If the limit of \(f(x)\) as \(x\) approaches \(c\) from either the left or right (or both) is \(\infty\) or \(-\infty\text{,}\) we say the function has a vertical asymptote at \(c\text{.}\)

When a rational function has a vertical asymptote at \(x=c\text{,}\) we can conclude that the denominator is \(0\) at \(x=c\text{.}\) However, just because the denominator is \(0\) at a certain point does not mean there is a vertical asymptote there. For instance, \(f(x)=(x^2-1)/(x-1)\) does not have a vertical asymptote at \(x=1\text{,}\) as shown in Figure 1.6.9. While the denominator does get small near \(x=1\text{,}\) the numerator gets small too, matching the denominator step for step. In fact, factoring the numerator, we get \begin{equation*} f(x)=\frac{(x-1)(x+1)}{x-1}. \end{equation*}

Canceling the common term, we get that \(f(x)=x+1\) for \(x\not=1\text{.}\) So there is clearly no asymptote, rather a hole exists in the graph at \(x=1\text{.}\)

The above example may seem a little contrived. Another example demonstrating this important concept is \(f(x)= (\sin(x) )/x\text{.}\) We have considered this function several times in the previous sections. We found that \(\lim\limits_{x\to0}\frac{\sin(x) }{x}=1\text{;}\) i.e., there is no vertical asymptote. No simple algebraic cancellation makes this fact obvious; we used the 1.3.8 in Section 1.3 to prove this.

If the denominator is \(0\) at a certain point but the numerator is not, then there will usually be a vertical asymptote at that point. On the other hand, if the numerator and denominator are both zero at that point, then there may or may not be a vertical asymptote at that point. This case where the numerator and denominator are both zero returns us to an important topic.
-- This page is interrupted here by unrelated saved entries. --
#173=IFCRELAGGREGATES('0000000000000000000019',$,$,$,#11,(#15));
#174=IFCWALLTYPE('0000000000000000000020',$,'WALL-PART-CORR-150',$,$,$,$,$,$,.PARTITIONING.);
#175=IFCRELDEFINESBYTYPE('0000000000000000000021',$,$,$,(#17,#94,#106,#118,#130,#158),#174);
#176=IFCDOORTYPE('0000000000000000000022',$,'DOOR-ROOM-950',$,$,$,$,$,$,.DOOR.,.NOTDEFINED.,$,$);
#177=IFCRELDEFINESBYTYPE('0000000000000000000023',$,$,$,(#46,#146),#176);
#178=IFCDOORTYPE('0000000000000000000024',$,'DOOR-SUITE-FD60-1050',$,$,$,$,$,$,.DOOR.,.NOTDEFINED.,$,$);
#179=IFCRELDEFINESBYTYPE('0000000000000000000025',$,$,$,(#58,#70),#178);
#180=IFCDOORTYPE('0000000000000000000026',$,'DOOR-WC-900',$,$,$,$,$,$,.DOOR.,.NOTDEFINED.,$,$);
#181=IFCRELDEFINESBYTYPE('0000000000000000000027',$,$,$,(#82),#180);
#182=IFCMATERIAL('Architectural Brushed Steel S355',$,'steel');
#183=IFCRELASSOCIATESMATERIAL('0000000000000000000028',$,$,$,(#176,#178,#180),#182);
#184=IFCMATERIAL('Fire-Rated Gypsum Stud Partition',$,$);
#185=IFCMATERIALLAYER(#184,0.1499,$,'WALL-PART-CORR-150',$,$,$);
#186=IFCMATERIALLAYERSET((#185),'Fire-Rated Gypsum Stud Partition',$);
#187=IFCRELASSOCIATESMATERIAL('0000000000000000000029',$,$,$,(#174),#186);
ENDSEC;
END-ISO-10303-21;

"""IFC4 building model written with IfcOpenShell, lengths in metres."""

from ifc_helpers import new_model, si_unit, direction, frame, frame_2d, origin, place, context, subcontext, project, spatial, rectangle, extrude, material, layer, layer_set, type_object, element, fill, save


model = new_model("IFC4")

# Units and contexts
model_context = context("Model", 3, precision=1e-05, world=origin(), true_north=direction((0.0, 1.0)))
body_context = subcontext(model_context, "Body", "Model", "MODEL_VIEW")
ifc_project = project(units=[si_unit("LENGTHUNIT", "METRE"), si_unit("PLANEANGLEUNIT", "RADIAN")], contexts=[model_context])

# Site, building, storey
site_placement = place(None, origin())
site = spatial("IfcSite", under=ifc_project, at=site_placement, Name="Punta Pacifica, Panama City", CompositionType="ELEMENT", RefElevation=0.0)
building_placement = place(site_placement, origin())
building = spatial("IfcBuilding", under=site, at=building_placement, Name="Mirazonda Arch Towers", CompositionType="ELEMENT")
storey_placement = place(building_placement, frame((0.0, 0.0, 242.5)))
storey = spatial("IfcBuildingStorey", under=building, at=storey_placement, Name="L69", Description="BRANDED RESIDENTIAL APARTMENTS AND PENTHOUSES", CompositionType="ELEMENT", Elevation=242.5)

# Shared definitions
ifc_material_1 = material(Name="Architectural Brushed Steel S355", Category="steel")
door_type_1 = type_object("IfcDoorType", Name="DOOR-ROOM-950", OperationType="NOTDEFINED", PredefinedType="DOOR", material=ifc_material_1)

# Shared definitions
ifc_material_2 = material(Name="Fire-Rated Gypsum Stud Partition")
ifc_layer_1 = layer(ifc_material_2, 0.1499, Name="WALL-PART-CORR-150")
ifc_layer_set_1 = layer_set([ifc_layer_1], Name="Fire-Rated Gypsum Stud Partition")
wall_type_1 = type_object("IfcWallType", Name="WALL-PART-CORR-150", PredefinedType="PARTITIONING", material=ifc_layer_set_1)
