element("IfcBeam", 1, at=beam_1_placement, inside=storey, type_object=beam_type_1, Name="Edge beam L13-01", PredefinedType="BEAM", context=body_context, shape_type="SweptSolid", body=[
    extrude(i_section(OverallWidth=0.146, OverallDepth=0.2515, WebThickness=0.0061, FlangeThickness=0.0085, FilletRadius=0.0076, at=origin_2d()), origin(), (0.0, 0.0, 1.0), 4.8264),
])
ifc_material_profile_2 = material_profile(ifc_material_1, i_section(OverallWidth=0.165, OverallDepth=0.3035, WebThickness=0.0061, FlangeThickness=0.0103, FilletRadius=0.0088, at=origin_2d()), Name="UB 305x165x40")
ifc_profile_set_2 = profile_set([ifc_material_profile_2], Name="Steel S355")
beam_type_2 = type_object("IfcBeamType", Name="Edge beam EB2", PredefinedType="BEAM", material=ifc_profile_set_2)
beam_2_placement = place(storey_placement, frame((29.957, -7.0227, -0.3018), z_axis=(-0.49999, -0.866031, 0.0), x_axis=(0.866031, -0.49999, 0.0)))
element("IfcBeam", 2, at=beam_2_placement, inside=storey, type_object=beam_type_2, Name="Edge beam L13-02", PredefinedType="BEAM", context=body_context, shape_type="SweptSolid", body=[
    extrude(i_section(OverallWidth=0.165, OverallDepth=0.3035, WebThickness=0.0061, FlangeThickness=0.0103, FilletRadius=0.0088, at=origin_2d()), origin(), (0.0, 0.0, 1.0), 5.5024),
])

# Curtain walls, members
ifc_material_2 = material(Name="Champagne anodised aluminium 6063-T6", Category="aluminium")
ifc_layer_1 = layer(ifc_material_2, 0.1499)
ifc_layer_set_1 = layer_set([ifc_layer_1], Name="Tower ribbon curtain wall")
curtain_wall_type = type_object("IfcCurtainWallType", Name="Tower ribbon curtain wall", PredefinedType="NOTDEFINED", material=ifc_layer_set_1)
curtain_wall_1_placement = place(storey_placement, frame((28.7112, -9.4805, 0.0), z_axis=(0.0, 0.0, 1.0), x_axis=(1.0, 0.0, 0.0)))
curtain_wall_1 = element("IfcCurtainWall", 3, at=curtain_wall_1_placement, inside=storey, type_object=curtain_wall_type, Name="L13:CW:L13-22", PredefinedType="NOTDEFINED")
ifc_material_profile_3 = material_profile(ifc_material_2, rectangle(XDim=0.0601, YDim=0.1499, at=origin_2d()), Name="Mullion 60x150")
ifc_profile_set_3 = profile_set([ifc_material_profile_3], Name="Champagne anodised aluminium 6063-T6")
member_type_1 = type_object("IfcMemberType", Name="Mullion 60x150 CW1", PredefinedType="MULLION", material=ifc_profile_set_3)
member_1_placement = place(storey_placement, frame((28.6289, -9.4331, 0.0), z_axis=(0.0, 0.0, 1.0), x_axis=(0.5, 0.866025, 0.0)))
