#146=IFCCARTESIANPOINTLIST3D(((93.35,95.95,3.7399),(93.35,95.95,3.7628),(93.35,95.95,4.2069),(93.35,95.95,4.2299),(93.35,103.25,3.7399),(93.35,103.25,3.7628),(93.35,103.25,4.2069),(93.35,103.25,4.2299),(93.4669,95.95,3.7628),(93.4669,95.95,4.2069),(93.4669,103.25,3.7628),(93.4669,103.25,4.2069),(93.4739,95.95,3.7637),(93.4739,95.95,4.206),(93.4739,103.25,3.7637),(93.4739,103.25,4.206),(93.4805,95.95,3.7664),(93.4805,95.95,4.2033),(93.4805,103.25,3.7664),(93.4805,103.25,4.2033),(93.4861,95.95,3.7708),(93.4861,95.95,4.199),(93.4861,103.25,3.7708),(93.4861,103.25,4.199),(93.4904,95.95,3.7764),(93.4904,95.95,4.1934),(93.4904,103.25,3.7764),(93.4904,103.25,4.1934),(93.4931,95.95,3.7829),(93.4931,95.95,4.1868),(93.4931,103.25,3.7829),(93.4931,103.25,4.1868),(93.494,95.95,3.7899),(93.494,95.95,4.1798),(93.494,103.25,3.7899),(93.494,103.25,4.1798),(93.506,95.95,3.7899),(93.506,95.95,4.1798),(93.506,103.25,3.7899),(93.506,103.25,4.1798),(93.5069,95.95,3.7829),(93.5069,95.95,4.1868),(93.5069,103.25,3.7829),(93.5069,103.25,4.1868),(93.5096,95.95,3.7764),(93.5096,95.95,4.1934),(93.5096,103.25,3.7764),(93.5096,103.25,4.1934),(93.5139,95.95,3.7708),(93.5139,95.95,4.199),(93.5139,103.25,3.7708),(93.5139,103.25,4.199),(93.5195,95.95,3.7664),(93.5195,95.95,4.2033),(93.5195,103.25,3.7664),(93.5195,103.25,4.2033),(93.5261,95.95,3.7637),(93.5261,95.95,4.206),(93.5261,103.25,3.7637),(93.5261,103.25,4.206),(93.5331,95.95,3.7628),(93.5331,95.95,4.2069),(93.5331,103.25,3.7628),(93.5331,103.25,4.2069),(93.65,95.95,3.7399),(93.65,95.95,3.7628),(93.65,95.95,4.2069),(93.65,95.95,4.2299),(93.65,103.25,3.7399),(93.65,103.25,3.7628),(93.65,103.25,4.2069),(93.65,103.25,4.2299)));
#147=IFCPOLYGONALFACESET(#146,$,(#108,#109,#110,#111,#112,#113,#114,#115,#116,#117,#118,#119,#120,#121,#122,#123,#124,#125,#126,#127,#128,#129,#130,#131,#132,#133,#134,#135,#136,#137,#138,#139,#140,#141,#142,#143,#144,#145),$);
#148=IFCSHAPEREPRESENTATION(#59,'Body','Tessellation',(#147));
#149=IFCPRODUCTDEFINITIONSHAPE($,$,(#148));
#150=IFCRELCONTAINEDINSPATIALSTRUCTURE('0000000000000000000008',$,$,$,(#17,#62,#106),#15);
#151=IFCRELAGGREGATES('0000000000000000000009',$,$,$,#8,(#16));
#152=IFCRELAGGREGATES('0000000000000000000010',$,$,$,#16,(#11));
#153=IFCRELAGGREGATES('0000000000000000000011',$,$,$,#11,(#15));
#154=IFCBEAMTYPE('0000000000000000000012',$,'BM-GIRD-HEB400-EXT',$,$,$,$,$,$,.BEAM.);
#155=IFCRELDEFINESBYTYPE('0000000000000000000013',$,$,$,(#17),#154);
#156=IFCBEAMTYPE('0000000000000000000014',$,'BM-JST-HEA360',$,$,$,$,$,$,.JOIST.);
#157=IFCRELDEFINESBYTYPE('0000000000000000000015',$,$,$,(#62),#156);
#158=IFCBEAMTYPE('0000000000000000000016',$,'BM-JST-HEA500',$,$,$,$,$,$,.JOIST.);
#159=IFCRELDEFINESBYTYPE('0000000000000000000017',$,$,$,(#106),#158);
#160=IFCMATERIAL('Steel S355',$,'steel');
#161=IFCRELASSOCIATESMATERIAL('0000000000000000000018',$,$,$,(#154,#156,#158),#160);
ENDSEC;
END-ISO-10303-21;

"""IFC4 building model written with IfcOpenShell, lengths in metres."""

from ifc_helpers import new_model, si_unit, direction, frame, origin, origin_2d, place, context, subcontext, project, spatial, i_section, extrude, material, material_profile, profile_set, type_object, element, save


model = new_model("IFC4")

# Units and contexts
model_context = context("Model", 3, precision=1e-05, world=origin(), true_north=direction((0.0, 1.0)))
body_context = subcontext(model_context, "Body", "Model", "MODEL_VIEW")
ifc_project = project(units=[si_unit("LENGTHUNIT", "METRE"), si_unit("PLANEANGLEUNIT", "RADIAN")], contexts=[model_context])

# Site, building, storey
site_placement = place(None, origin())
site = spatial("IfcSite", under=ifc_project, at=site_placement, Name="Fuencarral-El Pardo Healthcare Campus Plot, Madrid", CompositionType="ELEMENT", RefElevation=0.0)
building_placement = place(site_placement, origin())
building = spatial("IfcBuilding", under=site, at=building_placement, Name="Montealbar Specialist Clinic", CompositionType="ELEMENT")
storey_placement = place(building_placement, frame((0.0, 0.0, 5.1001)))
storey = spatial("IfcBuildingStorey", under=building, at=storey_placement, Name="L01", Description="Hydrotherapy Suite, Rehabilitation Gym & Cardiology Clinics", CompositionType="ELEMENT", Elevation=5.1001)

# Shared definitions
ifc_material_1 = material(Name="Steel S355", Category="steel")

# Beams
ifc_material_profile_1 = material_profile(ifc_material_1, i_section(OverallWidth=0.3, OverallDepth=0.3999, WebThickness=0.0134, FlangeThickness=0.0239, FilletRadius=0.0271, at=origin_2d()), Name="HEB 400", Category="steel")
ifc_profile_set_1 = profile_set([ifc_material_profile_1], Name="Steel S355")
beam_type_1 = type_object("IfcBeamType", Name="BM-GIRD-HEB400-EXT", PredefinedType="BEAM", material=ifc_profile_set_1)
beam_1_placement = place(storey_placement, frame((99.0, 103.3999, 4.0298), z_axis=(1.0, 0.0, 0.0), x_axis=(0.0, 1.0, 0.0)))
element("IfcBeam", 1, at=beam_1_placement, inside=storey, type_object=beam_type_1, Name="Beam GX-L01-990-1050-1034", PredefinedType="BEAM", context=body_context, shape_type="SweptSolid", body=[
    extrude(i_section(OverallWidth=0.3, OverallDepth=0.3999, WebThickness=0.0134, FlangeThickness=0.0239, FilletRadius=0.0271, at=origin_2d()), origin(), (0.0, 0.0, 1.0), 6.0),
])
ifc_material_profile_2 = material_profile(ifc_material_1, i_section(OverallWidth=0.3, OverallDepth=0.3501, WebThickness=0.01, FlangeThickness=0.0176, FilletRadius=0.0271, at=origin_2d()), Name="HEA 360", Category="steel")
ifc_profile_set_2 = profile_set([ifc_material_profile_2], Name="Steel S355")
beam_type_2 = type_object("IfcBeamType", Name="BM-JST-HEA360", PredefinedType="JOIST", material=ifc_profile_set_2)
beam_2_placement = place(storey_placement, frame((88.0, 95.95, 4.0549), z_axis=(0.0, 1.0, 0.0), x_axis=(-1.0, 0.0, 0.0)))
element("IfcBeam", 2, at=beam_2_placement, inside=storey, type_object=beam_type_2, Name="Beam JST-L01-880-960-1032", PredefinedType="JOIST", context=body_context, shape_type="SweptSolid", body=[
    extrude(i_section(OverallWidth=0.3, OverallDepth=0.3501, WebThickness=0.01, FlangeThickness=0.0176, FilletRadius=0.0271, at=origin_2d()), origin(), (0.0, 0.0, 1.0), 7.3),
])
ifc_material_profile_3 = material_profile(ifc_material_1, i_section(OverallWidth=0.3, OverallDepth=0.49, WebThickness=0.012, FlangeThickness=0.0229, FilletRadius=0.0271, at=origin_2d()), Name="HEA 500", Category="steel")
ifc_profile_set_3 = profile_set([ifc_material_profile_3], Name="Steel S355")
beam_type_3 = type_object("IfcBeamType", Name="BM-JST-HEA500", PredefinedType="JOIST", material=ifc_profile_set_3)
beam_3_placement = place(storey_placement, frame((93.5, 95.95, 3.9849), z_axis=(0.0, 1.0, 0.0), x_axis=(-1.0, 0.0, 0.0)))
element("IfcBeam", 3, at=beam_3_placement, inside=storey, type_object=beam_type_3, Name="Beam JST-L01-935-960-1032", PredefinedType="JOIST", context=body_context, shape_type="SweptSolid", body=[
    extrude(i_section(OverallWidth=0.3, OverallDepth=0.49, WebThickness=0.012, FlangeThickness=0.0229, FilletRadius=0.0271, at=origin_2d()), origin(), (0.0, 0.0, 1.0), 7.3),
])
We have seen how the limits \(\lim\limits_{x\to 0}\frac{\sin(x) }{x}\) and \(\lim\limits_{x\to1}\frac{x^2-1}{x-1}\) each return the indeterminate form \(0/0\) when we blindly plug in \(x=0\) and \(x=1\text{,}\) respectively. However, \(0/0\) is not a valid arithmetical expression. It gives no indication that the respective limits are \(1\) and \(2\text{.}\)

With a little cleverness, one can come up with \(0/0\) expressions which have a limit of \(\infty\text{,}\) 0, or any other real number. That is why this expression is called indeterminate.

A key concept to understand is that such limits do not really return \(0/0\text{.}\) Rather, keep in mind that we are taking limits. What is really happening is that the numerator is shrinking to \(0\) while the denominator is also shrinking to \(0\text{.}\) The respective rates at which they do this are very important and determine the actual value of the limit.

An indeterminate form indicates that one needs to do more work in order to compute the limit. That work may be algebraic (such as factoring and canceling), it may involve using trigonometric identities or logarithm rules, or it may require a tool such as the Squeeze Theorem. In Section 6.7 we will learn yet another technique called L'Hôpital's Rule that provides another way to handle indeterminate forms.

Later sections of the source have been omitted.